Alle Olivenhaine des Unternehmens sind mit Tropfbewässerungssystemen ausgestattet, und das Team überwacht sorgfältig die Niederschlagsmengen und die Bodenfeuchtigkeit, um Wasser so effizient wie möglich einzusetzen. „Man braucht nicht mehr so viel Wasser wie früher; mit der Tropfbewässerung erzielen wir die gleichen Ergebnisse mit weniger Wasser“, sagte Camps.
Trotz dieser Herausforderungen steigen Produktion und Verkaufszahlen weiter an.

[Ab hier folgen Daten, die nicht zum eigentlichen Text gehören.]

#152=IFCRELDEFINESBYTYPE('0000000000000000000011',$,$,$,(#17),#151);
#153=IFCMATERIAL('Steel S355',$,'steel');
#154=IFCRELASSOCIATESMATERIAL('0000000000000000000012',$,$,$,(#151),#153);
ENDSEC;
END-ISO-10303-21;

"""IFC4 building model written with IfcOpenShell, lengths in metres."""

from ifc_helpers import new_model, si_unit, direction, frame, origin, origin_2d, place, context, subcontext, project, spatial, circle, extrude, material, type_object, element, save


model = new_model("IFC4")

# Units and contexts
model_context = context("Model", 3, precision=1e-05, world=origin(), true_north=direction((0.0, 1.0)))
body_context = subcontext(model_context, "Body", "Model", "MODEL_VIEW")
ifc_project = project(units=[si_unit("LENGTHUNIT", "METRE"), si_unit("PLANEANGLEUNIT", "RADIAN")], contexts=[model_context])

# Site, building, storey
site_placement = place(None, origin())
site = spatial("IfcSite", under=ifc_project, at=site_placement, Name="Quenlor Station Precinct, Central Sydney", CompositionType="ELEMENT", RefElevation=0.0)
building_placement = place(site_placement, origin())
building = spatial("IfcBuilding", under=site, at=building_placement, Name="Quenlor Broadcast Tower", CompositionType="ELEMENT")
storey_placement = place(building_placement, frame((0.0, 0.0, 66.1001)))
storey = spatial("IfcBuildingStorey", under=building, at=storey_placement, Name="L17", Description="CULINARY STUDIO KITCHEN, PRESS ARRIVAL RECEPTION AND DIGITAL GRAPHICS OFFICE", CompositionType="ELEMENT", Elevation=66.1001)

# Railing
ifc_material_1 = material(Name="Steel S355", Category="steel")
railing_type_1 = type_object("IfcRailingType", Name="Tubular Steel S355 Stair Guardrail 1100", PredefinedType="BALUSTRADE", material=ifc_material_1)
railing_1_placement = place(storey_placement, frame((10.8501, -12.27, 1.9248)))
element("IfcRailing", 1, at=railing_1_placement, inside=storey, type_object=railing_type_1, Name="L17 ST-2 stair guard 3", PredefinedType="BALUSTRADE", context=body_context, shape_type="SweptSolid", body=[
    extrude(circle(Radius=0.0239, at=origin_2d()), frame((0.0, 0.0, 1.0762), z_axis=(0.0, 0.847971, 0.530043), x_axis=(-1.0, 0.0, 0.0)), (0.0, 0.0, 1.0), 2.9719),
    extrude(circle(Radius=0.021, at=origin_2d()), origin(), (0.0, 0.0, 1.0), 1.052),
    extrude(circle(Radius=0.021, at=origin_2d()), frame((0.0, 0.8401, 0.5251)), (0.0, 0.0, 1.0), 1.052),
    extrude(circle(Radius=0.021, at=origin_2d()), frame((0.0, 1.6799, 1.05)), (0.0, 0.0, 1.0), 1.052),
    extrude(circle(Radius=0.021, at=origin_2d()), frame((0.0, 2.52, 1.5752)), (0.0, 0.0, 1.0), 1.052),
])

Hohe Preise am Ursprungsort und eine geringere Verfügbarkeit in den letzten zwei Jahren haben dazu geführt, dass sich der Verkauf in den letzten anderthalb Jahren leicht verlangsamt hat, doch Camps glaubt, dass sich der Aufwärtstrend fortsetzen wird.
Camps sagte, die höheren Preise hätten dazu beigetragen, die deutlich gestiegenen Produktionskosten auszugleichen.
„Die Produktionskosten sind bei Pflanzenschutzmitteln, Düngemitteln und Arbeitnehmerentgelten um 50 Prozent gestiegen“, sagte er. „Angesichts der geringeren Ernte liegt der Preis für die Herstellung eines Kilogramms Olivenöl bei etwa 6 Euro.“
Sobald sich die Ernten wieder auf ein normales Niveau einpendeln, rechnet er damit, dass sich die Preise ab Erzeuger auf etwa 6 oder 7 Euro pro Kilogramm einpendeln werden, was seiner Meinung nach sowohl für Verbraucher als auch für Erzeuger von Vorteil ist.
Laut Infaoliva liegen die Preise für natives Olivenöl extra am Ursprungsort derzeit bei 7,140 € pro Kilogramm, nach einem Rekordhoch von 8,988 € pro Kilogramm Mitte Januar.
Zwar führten die hohen Preise am Ursprungsort zu einer Veränderung des Verbraucherverhaltens, doch Camps sagte, sie seien eine willkommene Abwechslung zu den Tiefstständen, die während des gesamten Erntejahres 2019/20 verzeichnet wurden.
Damals lagen die Preise bei etwa 2 € pro Kilogramm, und viele Landwirte und Mühlenbetreiber konnten ihre Produktionskosten nicht decken.
Trotz der Herausforderungen durch höhere Kosten und den Klimawandel bleibt Camps optimistisch, was die Entwicklung der Branche angeht.
„Die Preise haben sich im vergangenen Jahr fast verdoppelt, aber die Nachfrage ist sehr gut geblieben“, sagte er. Während der Verbrauch in Spanien aufgrund der geringeren Verfügbarkeit deutlich zurückgegangen ist, kaufen die Verbraucher fast das gesamte verfügbare Olivenöl.
„Mit jedem Jahr messen die Verbraucher dem Olivenöl mehr Wert bei und kaufen trotz der höheren Preise weiterhin hochwertiges natives Olivenöl extra“, schloss Camps.